Ten minutes or less per note



Helpful Tips


Type-written thank-yous are acceptable for formal job interviews. Proper spelling, grammar and punctuation are critical in this situation. The name of the person you're thanking and the company name are especially important, so get a business card before you leave.

If you get a lot of gifts at once, say at a party, shower, or wedding, keep a list of what you received and who gave it to you. Ask a friend to help if you need to.

If you are getting married and begin to receive gifts prior to the wedding, try to send your thank-you notes as you receive them. This will give you a head start on all the other ones you'll need to send.

If you received superior service from someone, a thank-you is not only appreciated, but can also serve as a reference they'll use for future clients.

 

Style and Grace


2torial #0547:
Learn2 Write a Thank-You Note

The write stuff

Let's say Aunt Mable just sent you a faux Ming dynasty vase and you're not quite sure what to do with it. First things first: set it down and get out your pen. It's time to write a thank-you note (even if Ming ain't your thing).

If someone does something especially nice for you, it's important to let that person know how much you appreciate it. A thank-you note is the perfect means to do so. It's a personal touch that's enjoyed by all involved. Besides, it only takes a few minutes, and the results can last much longer.

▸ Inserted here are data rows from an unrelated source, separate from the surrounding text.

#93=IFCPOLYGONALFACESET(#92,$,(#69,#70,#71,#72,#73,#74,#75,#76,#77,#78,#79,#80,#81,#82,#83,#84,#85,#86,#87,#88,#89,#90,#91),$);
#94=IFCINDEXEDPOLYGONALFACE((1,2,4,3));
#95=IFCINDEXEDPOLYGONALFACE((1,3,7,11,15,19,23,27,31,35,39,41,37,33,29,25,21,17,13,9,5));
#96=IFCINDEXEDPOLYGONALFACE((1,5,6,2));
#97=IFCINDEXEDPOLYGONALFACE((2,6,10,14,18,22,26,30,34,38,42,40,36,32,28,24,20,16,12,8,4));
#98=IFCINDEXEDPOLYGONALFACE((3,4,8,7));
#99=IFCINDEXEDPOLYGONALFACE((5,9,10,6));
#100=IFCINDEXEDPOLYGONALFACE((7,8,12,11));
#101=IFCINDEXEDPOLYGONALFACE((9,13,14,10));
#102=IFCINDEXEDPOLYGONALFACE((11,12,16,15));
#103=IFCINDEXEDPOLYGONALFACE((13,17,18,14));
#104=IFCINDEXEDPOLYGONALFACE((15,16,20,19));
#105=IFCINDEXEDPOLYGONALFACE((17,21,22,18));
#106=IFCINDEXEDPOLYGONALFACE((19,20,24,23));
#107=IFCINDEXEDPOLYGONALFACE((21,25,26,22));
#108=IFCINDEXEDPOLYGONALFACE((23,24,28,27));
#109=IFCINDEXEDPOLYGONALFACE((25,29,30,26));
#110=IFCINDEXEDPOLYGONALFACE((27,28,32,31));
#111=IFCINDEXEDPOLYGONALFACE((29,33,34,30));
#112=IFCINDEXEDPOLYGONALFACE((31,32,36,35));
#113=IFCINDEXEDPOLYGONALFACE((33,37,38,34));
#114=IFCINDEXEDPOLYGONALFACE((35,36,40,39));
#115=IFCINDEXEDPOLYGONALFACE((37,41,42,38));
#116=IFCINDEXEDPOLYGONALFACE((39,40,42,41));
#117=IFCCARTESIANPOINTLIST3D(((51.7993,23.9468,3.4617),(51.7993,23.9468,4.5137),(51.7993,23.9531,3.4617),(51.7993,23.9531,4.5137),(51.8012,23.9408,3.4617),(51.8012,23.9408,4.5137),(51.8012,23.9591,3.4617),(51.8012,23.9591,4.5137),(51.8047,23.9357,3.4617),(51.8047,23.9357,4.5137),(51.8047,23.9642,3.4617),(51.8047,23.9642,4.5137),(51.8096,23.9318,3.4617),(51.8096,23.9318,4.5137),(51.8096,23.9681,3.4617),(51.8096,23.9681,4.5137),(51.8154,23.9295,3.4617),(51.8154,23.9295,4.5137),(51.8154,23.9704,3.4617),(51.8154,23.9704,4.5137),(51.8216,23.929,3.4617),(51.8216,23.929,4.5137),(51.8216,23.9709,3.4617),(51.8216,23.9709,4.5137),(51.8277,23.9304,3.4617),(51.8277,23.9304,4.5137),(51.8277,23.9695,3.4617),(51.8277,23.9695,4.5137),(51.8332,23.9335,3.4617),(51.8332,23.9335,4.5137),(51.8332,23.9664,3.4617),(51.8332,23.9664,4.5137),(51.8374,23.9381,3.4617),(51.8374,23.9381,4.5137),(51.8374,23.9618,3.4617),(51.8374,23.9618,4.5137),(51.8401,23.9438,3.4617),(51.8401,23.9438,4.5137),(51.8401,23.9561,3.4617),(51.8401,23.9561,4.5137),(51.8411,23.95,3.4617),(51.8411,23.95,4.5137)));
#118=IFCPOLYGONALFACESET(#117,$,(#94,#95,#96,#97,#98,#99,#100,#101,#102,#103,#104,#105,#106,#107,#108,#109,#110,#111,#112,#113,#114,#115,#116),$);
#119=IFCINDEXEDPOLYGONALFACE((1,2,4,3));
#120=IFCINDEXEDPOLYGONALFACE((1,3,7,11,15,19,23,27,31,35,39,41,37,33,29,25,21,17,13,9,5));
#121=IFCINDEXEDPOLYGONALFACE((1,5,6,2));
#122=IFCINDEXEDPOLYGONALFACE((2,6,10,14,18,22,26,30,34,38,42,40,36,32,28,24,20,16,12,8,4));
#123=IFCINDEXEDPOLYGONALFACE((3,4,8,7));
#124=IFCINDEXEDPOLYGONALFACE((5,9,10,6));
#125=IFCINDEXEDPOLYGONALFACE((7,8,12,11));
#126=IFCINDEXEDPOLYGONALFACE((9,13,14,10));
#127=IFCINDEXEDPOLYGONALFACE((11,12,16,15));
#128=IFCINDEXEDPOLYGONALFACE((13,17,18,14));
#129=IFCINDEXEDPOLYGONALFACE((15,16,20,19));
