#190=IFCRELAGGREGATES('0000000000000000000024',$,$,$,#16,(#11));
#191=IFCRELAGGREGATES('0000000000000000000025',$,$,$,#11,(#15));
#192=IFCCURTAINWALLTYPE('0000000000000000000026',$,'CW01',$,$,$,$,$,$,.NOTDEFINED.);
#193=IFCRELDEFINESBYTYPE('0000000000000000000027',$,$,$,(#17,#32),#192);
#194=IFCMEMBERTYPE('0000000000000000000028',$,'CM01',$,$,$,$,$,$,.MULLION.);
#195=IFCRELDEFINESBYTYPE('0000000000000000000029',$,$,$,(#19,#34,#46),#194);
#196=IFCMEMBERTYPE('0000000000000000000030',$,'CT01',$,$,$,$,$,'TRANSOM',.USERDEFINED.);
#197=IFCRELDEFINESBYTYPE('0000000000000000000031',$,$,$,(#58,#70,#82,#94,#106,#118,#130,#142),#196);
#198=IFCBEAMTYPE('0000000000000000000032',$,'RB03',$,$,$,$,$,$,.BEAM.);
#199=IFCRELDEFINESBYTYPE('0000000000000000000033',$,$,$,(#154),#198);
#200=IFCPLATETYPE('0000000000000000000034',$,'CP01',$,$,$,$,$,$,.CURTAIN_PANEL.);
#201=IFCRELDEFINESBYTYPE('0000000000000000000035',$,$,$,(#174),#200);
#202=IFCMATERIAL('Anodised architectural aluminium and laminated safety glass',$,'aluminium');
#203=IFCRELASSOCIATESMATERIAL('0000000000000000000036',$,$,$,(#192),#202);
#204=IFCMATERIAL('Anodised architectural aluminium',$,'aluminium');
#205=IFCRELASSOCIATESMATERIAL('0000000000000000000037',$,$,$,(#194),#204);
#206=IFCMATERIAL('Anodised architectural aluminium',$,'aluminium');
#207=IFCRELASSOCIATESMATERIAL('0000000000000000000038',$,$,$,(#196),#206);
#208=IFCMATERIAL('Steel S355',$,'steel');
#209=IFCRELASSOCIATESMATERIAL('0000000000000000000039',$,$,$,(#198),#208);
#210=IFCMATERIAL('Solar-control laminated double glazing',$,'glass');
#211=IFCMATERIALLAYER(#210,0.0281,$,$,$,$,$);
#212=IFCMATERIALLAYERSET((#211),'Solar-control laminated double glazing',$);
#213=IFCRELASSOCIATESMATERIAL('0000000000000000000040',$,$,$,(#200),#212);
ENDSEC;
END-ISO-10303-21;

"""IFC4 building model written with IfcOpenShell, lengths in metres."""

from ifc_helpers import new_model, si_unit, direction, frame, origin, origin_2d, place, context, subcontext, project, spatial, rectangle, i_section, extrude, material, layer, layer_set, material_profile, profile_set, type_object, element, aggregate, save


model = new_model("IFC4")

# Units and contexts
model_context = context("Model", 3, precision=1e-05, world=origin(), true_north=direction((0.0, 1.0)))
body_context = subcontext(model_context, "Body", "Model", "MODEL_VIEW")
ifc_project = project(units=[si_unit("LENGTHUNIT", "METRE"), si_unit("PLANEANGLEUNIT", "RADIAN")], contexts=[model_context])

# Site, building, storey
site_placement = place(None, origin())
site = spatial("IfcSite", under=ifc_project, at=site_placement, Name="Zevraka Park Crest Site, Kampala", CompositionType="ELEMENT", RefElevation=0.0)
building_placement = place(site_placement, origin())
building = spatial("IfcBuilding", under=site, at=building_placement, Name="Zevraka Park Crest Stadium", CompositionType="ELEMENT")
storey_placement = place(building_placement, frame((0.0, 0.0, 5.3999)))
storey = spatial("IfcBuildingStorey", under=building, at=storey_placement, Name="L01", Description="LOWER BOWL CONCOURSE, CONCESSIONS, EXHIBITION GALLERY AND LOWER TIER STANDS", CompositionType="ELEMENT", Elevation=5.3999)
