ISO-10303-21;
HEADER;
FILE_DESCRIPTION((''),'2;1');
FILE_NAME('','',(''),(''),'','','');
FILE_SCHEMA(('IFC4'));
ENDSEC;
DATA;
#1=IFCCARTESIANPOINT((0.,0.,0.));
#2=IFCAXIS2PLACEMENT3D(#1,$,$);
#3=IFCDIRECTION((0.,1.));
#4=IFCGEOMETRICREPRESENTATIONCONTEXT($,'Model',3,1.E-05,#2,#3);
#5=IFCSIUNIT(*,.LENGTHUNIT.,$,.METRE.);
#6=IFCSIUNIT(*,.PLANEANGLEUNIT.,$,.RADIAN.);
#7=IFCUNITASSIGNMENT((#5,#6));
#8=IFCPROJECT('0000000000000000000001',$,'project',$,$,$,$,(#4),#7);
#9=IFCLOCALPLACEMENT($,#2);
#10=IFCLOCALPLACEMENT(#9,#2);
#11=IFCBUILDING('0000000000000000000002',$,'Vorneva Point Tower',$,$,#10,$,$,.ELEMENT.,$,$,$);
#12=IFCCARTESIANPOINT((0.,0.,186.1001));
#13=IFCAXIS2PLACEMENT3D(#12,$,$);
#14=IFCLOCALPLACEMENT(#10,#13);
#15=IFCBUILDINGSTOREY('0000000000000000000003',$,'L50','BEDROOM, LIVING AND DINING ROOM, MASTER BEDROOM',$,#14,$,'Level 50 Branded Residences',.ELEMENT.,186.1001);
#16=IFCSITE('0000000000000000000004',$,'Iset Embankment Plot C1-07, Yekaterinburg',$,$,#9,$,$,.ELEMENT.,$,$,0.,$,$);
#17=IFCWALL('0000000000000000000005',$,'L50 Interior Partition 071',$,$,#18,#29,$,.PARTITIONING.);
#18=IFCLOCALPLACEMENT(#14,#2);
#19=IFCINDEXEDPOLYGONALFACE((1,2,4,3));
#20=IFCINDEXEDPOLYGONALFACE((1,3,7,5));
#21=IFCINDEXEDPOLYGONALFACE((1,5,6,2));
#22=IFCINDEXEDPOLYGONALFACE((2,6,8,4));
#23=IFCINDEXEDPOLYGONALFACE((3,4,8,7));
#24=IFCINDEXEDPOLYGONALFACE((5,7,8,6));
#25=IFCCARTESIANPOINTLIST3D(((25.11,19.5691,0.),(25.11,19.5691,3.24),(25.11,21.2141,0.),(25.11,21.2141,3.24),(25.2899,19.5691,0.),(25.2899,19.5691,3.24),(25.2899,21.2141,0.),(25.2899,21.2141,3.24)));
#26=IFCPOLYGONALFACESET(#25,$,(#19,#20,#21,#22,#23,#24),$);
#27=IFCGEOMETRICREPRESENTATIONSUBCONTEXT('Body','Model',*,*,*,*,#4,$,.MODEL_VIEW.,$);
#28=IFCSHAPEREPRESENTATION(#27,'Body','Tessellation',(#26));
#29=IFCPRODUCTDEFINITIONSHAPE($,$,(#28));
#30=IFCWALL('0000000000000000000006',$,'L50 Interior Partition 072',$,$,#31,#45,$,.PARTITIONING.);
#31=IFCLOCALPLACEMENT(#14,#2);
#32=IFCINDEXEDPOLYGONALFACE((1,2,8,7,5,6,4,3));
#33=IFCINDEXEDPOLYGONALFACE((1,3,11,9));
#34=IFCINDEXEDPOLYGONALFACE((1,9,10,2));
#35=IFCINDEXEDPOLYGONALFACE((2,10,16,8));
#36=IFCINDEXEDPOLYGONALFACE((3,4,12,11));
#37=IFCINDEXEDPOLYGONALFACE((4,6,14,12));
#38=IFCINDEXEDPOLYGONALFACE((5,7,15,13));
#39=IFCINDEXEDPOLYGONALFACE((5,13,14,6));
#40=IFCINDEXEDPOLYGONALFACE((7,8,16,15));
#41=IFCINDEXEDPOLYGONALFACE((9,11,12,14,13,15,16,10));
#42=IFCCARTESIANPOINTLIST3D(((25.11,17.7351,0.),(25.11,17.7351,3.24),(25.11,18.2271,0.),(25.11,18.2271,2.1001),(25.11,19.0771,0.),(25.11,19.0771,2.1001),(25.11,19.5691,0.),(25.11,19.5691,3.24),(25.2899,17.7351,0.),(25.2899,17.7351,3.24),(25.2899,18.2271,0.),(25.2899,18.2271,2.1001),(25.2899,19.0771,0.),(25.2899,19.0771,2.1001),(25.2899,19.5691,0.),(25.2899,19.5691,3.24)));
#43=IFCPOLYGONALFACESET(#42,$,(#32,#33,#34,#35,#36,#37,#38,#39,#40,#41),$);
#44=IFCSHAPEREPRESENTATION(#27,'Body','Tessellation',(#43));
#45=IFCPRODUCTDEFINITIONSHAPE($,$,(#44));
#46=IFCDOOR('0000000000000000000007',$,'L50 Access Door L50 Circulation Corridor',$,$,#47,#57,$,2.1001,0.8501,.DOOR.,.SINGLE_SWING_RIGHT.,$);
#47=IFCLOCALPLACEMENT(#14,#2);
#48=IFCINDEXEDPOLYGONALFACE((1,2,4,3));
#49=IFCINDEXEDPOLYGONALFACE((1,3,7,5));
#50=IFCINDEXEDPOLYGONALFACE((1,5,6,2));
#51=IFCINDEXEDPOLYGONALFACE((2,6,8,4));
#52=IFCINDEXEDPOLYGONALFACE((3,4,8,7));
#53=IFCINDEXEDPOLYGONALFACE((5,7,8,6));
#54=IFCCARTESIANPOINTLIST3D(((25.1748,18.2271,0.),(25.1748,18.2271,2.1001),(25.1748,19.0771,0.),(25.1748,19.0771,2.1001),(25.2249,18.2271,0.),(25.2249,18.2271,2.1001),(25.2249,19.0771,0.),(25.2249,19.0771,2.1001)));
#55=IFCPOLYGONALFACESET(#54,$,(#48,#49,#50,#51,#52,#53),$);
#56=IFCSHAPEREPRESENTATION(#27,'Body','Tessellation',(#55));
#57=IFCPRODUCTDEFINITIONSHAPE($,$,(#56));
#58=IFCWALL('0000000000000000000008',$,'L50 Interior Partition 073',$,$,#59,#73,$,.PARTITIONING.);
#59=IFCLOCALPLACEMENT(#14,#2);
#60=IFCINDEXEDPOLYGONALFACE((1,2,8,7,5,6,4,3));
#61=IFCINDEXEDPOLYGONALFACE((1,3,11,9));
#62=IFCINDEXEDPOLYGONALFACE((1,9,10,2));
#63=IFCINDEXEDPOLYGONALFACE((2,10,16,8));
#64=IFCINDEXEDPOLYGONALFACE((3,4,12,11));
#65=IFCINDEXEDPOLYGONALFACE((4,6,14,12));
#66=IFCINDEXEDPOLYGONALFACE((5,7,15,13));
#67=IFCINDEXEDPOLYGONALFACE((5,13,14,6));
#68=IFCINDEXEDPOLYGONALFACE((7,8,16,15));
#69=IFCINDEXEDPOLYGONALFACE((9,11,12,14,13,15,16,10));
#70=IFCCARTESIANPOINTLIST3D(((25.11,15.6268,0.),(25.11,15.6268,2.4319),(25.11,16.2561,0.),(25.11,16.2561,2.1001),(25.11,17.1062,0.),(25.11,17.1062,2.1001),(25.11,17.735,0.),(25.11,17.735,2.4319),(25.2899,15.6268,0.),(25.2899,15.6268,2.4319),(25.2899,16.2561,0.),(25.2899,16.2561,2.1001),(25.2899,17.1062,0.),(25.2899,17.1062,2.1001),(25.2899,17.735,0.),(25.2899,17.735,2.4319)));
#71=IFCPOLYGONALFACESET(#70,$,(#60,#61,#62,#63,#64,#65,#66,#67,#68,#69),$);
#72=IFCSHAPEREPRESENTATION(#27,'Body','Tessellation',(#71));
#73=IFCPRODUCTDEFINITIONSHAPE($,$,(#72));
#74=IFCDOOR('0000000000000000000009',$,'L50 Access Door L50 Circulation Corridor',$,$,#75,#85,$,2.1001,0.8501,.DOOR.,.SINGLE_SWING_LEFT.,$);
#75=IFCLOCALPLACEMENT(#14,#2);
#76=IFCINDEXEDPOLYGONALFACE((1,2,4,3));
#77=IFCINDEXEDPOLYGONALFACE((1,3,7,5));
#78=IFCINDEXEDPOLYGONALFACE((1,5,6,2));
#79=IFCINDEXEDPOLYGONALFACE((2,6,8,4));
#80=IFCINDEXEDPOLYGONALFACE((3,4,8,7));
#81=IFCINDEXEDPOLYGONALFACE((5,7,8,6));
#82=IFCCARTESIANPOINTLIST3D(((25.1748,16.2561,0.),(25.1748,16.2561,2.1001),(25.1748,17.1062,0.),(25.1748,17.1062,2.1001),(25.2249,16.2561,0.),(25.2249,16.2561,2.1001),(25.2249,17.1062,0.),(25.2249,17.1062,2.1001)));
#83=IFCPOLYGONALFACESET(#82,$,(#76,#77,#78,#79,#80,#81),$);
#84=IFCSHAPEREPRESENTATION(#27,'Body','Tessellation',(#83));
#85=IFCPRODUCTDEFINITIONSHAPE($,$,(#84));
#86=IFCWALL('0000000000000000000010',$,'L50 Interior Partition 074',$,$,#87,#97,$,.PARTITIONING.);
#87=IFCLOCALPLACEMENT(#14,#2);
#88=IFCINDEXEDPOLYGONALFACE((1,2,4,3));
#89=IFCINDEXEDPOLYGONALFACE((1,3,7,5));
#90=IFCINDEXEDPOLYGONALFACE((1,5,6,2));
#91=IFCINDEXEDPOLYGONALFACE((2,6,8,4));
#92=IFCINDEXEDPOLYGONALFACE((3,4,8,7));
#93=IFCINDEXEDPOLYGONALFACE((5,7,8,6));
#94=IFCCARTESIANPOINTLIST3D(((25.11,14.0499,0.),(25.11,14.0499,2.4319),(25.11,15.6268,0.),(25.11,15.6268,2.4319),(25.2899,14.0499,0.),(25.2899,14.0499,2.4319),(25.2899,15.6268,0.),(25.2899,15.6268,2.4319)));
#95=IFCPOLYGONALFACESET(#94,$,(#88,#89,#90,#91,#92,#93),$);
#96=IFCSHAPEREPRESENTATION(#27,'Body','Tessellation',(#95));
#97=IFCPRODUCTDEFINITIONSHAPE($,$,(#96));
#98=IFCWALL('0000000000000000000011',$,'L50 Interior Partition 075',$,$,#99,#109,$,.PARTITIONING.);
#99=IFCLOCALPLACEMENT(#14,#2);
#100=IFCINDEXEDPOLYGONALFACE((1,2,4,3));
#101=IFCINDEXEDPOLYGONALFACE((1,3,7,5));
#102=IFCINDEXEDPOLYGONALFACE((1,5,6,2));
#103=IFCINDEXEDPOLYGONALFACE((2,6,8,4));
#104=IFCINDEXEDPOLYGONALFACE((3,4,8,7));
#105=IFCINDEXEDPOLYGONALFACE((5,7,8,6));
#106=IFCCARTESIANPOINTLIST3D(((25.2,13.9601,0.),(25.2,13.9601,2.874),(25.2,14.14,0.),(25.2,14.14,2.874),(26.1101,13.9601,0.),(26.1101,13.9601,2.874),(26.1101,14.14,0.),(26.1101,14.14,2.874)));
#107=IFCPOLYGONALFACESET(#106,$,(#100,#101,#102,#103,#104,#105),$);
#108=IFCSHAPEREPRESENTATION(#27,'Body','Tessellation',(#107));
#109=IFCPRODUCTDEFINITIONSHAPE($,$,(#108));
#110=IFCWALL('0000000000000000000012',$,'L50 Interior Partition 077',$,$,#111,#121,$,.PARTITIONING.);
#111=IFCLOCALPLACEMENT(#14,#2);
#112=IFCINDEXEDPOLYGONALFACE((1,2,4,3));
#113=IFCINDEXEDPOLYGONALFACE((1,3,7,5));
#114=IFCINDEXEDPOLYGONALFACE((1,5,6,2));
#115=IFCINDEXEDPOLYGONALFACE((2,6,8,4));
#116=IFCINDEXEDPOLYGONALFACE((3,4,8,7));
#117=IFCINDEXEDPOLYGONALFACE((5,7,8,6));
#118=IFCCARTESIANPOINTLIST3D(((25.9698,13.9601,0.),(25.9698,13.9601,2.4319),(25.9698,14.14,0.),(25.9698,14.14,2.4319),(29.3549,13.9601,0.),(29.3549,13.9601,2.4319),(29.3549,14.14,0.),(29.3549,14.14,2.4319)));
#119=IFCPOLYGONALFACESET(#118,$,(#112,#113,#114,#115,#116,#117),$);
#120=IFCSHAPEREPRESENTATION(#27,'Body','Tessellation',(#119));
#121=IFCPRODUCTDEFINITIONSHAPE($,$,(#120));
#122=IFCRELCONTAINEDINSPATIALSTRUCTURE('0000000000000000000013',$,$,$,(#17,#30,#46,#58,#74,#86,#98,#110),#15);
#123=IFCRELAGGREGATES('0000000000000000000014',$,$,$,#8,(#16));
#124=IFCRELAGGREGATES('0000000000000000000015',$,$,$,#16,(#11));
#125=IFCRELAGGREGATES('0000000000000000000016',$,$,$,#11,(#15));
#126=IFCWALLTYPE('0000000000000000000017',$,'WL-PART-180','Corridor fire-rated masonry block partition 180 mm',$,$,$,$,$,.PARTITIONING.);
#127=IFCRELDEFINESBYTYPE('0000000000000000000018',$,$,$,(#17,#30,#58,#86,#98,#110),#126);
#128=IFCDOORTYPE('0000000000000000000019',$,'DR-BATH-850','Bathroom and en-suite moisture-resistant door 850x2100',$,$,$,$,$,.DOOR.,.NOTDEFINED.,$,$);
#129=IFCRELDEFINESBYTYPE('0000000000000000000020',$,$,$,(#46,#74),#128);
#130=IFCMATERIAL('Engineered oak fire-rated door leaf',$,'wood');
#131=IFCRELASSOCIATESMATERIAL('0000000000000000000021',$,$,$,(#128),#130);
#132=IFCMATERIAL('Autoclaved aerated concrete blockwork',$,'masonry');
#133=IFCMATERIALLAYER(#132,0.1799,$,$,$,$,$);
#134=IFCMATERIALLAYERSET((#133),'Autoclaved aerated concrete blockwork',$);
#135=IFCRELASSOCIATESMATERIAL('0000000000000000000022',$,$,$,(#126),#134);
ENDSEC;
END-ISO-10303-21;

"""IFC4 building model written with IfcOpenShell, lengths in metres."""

from ifc_helpers import new_model, si_unit, direction, frame, frame_2d, origin, place, context, subcontext, project, spatial, rectangle, extrude, material, layer, layer_set, type_object, element, fill, save


model = new_model("IFC4")

# Units and contexts
model_context = context("Model", 3, precision=1e-05, world=origin(), true_north=direction((0.0, 1.0)))
body_context = subcontext(model_context, "Body", "Model", "MODEL_VIEW")
ifc_project = project(units=[si_unit("LENGTHUNIT", "METRE"), si_unit("PLANEANGLEUNIT", "RADIAN")], contexts=[model_context])

# Site, building, storey
site_placement = place(None, origin())
site = spatial("IfcSite", under=ifc_project, at=site_placement, Name="Iset Embankment Plot C1-07, Yekaterinburg", CompositionType="ELEMENT", RefElevation=0.0)
building_placement = place(site_placement, origin())
building = spatial("IfcBuilding", under=site, at=building_placement, Name="Vorneva Point Tower", CompositionType="ELEMENT")
storey_placement = place(building_placement, frame((0.0, 0.0, 186.1001)))
storey = spatial("IfcBuildingStorey", under=building, at=storey_placement, Name="L50", Description="BEDROOM, LIVING AND DINING ROOM, MASTER BEDROOM", LongName="Level 50 Branded Residences", CompositionType="ELEMENT", Elevation=186.1001)

# Shared definitions
ifc_material_1 = material(Name="Engineered oak fire-rated door leaf", Category="wood")
door_type_1 = type_object("IfcDoorType", Name="DR-BATH-850", Description="Bathroom and en-suite moisture-resistant door 850x2100", OperationType="NOTDEFINED", PredefinedType="DOOR", material=ifc_material_1)
ifc_material_2 = material(Name="Autoclaved aerated concrete blockwork", Category="masonry")
ifc_layer_1 = layer(ifc_material_2, 0.1799)
ifc_layer_set_1 = layer_set([ifc_layer_1], Name="Autoclaved aerated concrete blockwork")
wall_type_1 = type_object("IfcWallType", Name="WL-PART-180", Description="Corridor fire-rated masonry block partition 180 mm", PredefinedType="PARTITIONING", material=ifc_layer_set_1)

Even if you've already said thank-you in person or by telephone, it's still appropriate to send a note--even for close friends and family you see all the time.

Before You Begin

Thank-you notes are appropriate for gifts, special occasions, favors and even job interviews. They should be sent within a few days (unless they are for wedding gifts, in which case you generally have up to a month of leeway) after you spend time together or receive something. What to say depends on the situation, and there's no special formula to follow. Being sincere is what matters most.

Everyone enjoys getting personal mail. And we're not talking e-mail here--it just doesn't measure up to a handwritten message. A thank-you card is like a gift in itself. It's something many folks hold on to so they can always remember the occasion.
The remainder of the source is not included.